由木の小さな歴史の痕跡を探しておさんぽ

小さな寄り道

高尾天神社と初沢城跡をたずねて— ぶら散歩の会の朝、集合前に | 東京都八王子市初沢町

写真・文:しみずことみ

2025年2月12日。
この日は「由木ぶら散歩の会」の第9回開催日でした。
集合場所の南大沢駅へ向かう前に、ひとつだけ足をのばしておきたい場所がありました。
それが、高尾山のふもとにある「高尾天神社」と、その裏手にひっそりと残る「初沢城跡」です。

住宅街の奥の小さな橋を渡って

京王高尾駅から10分ほど。
静かな住宅地のなかを歩いていくと、目の前に現れたのは細く古びたコンクリートの橋。かつての用水路か、信仰の道の名残か——この橋を渡った先から、すでにこの「寄り道」は始まっていたのかもしれません。

▲コンクリートの細道が小川をまたぐ。暮らしの裏にある、もうひとつの時間。


高尾天神社へ

細い坂道の先に、小さな石段と赤い鳥居が見えてきました。
高尾天神社は、学問の神さまとして知られる菅原道真公を祀る社で、またこの裏手には中世の山城・初沢城跡が眠っています。

この場所は市の史跡としても指定されており、「高尾天神社参道 菅原道真公御像 初沢山入口 初沢城址」と記された案内板が立っていました。日常と歴史が交錯する、そんな不思議な境界に立たされているような気持ちになります。

▲冬の日差しに照らされる高尾天神社の参道口。鳥居の左には「初沢山」の文字も。

▲冬木立に囲まれた高尾天神社の鳥居。葉を落とした梅の木々の間をぬけ、石の鳥居をくぐると、静けさに包まれた社殿へと続く道が現れます。冬の光が、境内にやさしく差し込んでいました。


眩しさとともに登る石段

参道の石段はなかなかに急で、息を切らしながら一歩ずつ登っていきました。
振り返れば、さっき歩いてきた住宅街と、冬の朝の澄んだ空気が広がっています。

▲まっすぐ伸びた急な石段。両脇に木々、上には青空。

登りきると、視界が一気に開けます。ここからは八王子の町並みが一望でき、その背後には丹沢方面の山並みも遠くにのぞきました。

▲見晴らしの良い視界がひらける。街の向こうに冬の山並み。


菅原道真公の像と静かな丘

頂上には、天神社の主神・菅原道真の像が静かに立っていました。
手には巻物と杖を持ち、遠くを見つめているかのような眼差し。

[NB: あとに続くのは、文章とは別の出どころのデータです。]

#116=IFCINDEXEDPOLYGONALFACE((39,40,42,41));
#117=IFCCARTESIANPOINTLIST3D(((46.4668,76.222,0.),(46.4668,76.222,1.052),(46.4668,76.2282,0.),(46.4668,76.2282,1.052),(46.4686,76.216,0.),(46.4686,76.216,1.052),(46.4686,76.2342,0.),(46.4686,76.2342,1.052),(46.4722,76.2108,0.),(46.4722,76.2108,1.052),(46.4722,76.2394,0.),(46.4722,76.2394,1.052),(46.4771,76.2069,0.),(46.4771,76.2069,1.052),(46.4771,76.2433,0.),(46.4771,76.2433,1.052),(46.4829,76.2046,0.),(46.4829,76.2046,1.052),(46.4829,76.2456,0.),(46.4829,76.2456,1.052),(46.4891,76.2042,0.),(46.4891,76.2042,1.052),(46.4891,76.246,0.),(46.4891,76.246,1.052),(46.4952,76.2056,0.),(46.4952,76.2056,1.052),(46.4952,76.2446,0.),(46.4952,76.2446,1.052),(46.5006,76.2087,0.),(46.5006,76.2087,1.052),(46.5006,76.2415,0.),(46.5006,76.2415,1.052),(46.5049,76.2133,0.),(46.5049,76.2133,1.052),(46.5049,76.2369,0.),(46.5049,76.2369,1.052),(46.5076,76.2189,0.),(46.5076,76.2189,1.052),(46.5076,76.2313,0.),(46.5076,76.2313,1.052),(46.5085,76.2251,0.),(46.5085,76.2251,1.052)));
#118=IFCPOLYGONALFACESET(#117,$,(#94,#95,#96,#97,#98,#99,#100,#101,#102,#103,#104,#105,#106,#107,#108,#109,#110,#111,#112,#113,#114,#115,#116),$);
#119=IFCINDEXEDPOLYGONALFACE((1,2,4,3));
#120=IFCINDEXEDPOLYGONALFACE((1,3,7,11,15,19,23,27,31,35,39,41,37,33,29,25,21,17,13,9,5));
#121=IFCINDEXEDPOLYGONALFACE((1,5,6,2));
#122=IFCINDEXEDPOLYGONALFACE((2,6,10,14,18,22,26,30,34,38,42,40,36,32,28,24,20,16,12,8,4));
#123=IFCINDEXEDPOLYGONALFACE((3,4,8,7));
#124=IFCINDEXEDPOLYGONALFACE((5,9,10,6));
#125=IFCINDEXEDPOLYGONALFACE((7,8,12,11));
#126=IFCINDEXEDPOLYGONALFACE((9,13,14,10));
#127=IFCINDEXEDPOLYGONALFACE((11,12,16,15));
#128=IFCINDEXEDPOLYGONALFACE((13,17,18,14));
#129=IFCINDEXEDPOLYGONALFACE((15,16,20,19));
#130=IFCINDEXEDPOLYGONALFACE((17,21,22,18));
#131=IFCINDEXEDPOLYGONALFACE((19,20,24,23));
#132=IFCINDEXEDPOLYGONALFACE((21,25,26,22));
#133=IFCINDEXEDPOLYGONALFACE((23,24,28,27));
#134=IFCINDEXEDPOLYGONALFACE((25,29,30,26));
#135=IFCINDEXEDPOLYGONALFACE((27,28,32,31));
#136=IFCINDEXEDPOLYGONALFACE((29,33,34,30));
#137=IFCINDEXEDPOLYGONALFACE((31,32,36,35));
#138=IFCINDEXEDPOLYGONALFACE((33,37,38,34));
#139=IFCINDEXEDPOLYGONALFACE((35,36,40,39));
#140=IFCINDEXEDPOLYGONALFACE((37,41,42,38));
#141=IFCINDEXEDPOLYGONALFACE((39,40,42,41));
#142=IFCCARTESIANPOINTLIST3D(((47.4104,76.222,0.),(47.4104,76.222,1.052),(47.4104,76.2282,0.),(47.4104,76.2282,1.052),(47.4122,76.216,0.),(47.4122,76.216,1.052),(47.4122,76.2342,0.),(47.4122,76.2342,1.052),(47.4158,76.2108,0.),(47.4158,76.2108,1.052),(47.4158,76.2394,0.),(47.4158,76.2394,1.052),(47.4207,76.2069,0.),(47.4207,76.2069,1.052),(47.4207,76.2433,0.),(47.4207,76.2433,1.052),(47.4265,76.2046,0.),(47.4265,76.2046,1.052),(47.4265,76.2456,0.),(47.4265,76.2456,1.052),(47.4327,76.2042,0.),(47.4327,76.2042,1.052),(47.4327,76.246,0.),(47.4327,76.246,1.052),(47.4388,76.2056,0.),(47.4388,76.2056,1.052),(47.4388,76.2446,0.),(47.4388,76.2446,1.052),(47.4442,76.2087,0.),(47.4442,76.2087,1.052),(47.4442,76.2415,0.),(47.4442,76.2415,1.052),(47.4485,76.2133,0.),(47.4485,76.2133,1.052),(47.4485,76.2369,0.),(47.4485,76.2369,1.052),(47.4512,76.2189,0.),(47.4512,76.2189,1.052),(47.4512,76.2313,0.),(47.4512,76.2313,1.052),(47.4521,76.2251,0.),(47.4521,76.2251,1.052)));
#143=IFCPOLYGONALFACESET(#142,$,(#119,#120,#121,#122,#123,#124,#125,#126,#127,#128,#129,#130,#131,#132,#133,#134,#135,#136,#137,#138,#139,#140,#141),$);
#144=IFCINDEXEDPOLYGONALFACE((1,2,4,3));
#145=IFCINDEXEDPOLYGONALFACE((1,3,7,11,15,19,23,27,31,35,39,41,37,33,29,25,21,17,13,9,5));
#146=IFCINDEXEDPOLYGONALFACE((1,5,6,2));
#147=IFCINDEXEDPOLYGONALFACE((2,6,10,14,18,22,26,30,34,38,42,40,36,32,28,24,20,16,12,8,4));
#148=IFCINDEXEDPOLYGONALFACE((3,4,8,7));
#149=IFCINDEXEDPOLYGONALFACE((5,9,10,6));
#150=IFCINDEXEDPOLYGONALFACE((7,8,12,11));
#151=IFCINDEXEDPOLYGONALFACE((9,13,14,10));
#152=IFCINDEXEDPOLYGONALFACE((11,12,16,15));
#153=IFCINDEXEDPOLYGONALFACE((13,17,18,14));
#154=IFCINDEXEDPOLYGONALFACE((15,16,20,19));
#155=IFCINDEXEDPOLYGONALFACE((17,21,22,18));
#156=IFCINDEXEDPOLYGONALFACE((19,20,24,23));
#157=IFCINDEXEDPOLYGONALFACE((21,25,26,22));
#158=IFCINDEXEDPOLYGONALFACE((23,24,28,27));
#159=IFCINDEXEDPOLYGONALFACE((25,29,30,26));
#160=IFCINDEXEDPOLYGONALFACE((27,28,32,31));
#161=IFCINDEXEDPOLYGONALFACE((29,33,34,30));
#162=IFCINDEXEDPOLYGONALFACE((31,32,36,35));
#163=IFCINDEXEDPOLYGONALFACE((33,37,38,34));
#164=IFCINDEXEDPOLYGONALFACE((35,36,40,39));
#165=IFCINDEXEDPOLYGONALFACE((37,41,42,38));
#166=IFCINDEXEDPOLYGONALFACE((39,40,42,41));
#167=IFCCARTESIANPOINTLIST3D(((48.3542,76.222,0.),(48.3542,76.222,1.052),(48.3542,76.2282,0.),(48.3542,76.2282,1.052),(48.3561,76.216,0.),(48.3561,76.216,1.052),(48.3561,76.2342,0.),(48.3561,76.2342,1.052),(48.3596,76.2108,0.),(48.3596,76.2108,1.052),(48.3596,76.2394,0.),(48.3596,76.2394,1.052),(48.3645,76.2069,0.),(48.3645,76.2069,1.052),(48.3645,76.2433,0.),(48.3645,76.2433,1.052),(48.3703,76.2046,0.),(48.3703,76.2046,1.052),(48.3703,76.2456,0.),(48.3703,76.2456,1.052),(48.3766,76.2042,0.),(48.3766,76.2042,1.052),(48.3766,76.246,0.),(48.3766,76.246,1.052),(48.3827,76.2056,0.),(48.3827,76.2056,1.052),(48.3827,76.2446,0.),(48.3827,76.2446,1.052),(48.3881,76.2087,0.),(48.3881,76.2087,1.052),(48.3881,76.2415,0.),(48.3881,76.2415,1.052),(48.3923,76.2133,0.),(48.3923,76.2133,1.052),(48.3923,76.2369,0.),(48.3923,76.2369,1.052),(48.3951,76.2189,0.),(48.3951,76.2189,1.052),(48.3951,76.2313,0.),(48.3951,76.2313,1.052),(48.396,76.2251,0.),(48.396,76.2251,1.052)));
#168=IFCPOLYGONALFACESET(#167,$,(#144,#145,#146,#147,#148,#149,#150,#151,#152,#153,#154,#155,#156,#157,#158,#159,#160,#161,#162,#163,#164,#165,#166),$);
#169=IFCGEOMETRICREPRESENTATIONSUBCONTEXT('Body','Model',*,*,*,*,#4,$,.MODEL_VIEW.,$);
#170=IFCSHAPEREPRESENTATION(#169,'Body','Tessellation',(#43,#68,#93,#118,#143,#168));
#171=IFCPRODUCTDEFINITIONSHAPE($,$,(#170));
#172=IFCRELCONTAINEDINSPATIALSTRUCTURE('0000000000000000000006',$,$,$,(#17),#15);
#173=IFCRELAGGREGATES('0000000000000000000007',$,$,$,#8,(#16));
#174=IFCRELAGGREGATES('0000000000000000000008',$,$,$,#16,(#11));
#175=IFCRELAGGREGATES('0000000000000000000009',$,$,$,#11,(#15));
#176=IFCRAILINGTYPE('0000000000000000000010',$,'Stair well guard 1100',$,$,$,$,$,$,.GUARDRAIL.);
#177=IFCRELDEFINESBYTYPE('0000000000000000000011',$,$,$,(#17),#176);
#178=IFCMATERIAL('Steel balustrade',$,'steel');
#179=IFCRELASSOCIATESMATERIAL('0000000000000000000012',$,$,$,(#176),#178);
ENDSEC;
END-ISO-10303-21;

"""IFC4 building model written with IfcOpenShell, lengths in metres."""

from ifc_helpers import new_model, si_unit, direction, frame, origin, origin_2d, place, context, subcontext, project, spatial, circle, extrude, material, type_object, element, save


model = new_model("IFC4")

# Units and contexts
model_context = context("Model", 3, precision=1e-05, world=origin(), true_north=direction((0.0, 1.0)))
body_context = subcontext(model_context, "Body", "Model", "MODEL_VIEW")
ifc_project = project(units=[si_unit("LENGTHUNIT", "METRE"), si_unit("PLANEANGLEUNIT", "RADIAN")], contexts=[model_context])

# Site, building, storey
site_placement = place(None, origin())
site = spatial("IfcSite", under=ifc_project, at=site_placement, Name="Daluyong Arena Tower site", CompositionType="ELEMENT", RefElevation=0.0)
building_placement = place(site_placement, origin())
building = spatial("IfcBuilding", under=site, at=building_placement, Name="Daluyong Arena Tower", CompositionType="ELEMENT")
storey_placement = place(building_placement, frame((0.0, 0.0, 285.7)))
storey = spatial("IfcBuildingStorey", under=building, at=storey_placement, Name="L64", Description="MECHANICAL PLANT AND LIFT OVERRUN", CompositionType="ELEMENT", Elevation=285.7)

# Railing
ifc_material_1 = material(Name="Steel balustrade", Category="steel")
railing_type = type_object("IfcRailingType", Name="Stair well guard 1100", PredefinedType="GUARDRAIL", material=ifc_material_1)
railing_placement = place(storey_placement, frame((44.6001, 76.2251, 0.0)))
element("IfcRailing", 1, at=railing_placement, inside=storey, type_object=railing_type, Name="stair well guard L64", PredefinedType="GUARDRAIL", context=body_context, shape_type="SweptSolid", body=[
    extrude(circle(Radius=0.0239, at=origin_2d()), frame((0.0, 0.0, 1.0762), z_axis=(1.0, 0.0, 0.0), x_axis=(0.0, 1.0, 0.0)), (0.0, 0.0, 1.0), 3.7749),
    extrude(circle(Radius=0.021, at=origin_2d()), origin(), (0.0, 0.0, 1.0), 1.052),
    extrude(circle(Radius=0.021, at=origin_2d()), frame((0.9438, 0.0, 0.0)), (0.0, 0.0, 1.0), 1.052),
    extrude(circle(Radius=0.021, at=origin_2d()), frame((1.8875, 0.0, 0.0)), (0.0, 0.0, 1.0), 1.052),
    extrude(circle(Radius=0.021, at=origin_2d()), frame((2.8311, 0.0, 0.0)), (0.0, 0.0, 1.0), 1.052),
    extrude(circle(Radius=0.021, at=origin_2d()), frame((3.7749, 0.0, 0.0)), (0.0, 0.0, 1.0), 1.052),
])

ここが「学問の神」の地であることを、ただそこにあるだけで語っているようでした。

▲菅原道真公の立像。静かに、しかし確かに、ここに立っている。


そして初沢城跡へ

銅像の裏手には、さらに山道が続いています。そこが中世の山城・初沢城の跡地です。
木立のあいだを抜ける山道は、危険防止のため一部立ち入りが制限されていましたが、それでも道の先には、確かにかつての曲輪や堀の痕跡が残っているようでした。

▲杉木立のなかへと続く道。注意喚起の札が、今この場所も生きていることを教えてくれる。


忘れられた鉄のかたち

帰り際、境内の片隅にふと目をやると、何かの金具のような鉄製のパーツが、等間隔に並べられているのが見えました。もしかしたら船の係留に使うビットのようなものかもしれません。
何かしらの運搬・施設設備の記憶を思わせる、不思議な光景でした。

▲境内の片隅に、整然と並べられた鉄製の突起。かつての役目を思い浮かべる。


「少しだけ寄り道」の豊かさ

たった30分ほどの立ち寄りでしたが、日常の奥に潜む時間の深さを味わうには、充分すぎるほどの朝でした。
ここには観光地のような派手さはありません。けれど、確かに誰かが祈り、守り、忘れかけながらも残そうとした痕跡があります。

「ぶら散歩の会」が始まる前の、ほんの小さな寄り道。
けれどこの静かな朝の記憶は、心のなかで長く、優しく残っていきそうです。